Dual network problem – an interesting case from our practice
An interesting network management case with no simple solution
There are nodes based on Raspberry PI. Using carrier boards, every node has two ethernet ports. Nodes connected to two switches simultaneously. Every ethernet port on network has a unique mac address. Also, the switches. Thus with 16 devices, each with two ethernet ports and two cables, we end up with 64 mac addresses. But we also connect the two switches to each other with an ethernet cable and we connect our own computer. Thus 68 mac addresses.
Each Linux node holds an arp table, which tells you which other mac addresses can be reached from each ethernet interface. In this case ALL mac addresses can be reached from every ethernet port. We have setup the two ethernet ports on the Linux node to bundle and have one single IP number. Each Linux node also holds a routing table, the routing table tells you how you can reach all the other IP numbers on the LAN.
For bonding is used the Linux Ethernet Bonding Driver. If used either “miimon” or arp_ip_target to detect if a given local port is alive, it is an all or nothing + global decision that applies to all traffic from the node, instead of the traffic specifically from node 6 to node 9. Specifically due to that limitation was added a link between the switches, so we currently use active-backup as mentioned in the high-availability in a multiple switch topology. Works in various cases as even if node 6 uses the wrong port + switch to try to reach node 9, the traffic gets forwarded via the link between the switches. In an ideal world we would not have this link to avoid a failure in 1 switch affecting the other. If the link between the switches breaks, it does not work at all i.e., some nodes keep using switch 1 and others switch 2 (given point 2 above + how active backup works).

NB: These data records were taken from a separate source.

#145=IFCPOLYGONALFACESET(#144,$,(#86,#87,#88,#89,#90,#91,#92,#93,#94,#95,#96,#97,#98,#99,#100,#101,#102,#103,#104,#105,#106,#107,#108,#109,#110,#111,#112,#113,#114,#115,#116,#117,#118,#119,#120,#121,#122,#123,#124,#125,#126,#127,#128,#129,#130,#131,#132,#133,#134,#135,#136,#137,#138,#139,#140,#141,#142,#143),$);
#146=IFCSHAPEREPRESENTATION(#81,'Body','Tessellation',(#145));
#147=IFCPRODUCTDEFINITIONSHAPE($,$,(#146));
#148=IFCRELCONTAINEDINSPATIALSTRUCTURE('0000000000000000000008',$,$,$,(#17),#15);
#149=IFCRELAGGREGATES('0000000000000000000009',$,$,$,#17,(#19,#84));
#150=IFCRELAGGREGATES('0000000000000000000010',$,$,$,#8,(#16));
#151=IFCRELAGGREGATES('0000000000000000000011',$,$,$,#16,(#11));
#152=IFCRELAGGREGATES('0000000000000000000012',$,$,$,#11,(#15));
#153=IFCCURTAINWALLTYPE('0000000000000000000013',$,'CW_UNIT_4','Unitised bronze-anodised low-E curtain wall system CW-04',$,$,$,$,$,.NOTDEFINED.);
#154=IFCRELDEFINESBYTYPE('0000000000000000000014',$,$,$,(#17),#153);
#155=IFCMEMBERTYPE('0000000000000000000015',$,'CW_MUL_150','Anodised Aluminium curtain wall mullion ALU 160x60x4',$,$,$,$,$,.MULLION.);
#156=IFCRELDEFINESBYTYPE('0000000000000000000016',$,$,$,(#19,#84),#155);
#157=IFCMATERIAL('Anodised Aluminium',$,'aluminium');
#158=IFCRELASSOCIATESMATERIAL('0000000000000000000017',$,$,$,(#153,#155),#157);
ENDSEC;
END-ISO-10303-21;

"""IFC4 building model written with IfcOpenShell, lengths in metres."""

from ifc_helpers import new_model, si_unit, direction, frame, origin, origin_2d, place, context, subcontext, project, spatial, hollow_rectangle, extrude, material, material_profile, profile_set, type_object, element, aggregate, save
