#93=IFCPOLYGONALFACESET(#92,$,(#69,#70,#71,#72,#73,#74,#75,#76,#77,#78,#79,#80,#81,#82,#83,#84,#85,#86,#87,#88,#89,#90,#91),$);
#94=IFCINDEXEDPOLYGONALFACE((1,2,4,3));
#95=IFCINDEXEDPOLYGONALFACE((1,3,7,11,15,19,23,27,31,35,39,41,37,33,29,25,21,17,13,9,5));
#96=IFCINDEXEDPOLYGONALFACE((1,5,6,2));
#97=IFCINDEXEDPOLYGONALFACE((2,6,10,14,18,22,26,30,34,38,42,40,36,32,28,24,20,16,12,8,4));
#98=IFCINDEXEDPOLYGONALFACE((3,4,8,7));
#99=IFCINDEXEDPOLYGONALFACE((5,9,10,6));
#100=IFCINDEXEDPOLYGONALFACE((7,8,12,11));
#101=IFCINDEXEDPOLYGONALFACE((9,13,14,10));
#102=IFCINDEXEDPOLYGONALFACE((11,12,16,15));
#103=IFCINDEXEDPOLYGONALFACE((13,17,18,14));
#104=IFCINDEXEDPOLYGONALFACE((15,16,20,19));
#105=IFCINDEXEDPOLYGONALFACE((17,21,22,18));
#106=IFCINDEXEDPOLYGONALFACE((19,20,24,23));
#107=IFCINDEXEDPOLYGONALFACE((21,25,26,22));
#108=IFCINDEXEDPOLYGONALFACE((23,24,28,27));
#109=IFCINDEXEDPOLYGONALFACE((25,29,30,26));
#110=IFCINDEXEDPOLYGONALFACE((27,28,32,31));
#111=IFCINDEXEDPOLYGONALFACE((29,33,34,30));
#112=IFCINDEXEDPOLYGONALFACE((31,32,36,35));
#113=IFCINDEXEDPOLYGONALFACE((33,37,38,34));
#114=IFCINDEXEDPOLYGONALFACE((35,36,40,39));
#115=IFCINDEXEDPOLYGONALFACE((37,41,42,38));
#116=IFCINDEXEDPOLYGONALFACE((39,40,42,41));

In reality the current configuration is using the same mac address for the slaves. This is because it uses the default of nonde/0 for the “fail_over_mac” bonding driver option. The bonding driver can do so, because for this NIC the driver is the one in control of the mac address.
The problem is that the routing table and arp tables are not updated fast enough when a switch is down or a cable is unplugged. Our Linux nodes send packages to each other 10 times per second, sometimes faster. Thus, the TCP/IP stack should discover within less than one second, that a link which it used before is down and it should try the other option. But this does not happen right now for some weird reason, which we don’t understand.
Is used a Linux setting where bonded the two ports such that both have the same IP address. It works, somehow. It is able to send on one link or the other. If one switch is down it will use the other and vice versa. But if node 6 usually sends through one port to node 9, then this cable gets disconnected. Then node 6 cannot figure out automatically that it now needs to reach node 9 through the other port. I actually don’t know if this is a problem in the switch or the arp table on each node or a fundamental problem with the bundle feature in Linux.
In the end our target is to have a system which can continue to work even if there is a single point of failure in any of the network stuff. It is also our wish to be able to detect this and send a message to the server about where this single point of failure occurred.
Here is a scenario if there is no cable connecting the 2 switches:
- node b had a failure in its port 2 (can also be on the switch side or just a cable that gets damaged)
– node a must use its port 1 to reach node b: node a-port 1 -> switch 1 -> nodeb-port1)
- node c had a failure in its port 1 (can also be on the switch side or just a cable that gets damaged)
– node a must use its port 2 to reach node c: node a-port2->switch2 -> nodec-port2
- node d crashed
My current bonding configuration does not work when both 1 and 2 happen at the same time (can’t decide to use one port to reach node b and a different port to reach node c). Additionally, if 3 happens, a configuration that would survive either 1 or 2, would stop working due to 3 (requires all nodes to be reachable through one of the ports switches).
An ideal configuration would work without issues when all 3 issues are active at the same time. If node d comes back live, it would also be able to resume its connection to it. Additionally, the ideal configuration would survive this 4th scenario that might or not be possible in practice:
- node e has working links to both switches, but switch 1 has an internal failure where traffic from/to node e can only reach a subset of the other nodes that does not include node a
– node a must use its port 2 to reach node e
With a cable between the switches, scenarios 1-3 at the same time work fine (since it does not matter which port node a uses, it can still reach both nodes b and c). However, if the link between the switches dies, it no longer works. Even with the link between the switches working, it also can’t survive scenario 4.
There is no complete solution. All tests had been performed in the virtual environment due to absence of the real test PI’s. It wasn’t possible to check connection between the two virtual “PIs” in accurate and easy way due to the virtual environment limitations. Variant with web-server creation and establishing client-server model on two virtual “PIs” wasn’t tested. Instead, stability tests were performed on virtual “PI’s” ethernet ports, bonding mode 3 (broadcast) showed itself as the most reliable solution. As for now, using bonding mode 3 is recommended, but we need feedback on how it performs on real equipment.
Without bonding mode 3 interconnect between the switches must be used, it is mandatory according do high-availability in a multiple switch topology documentation.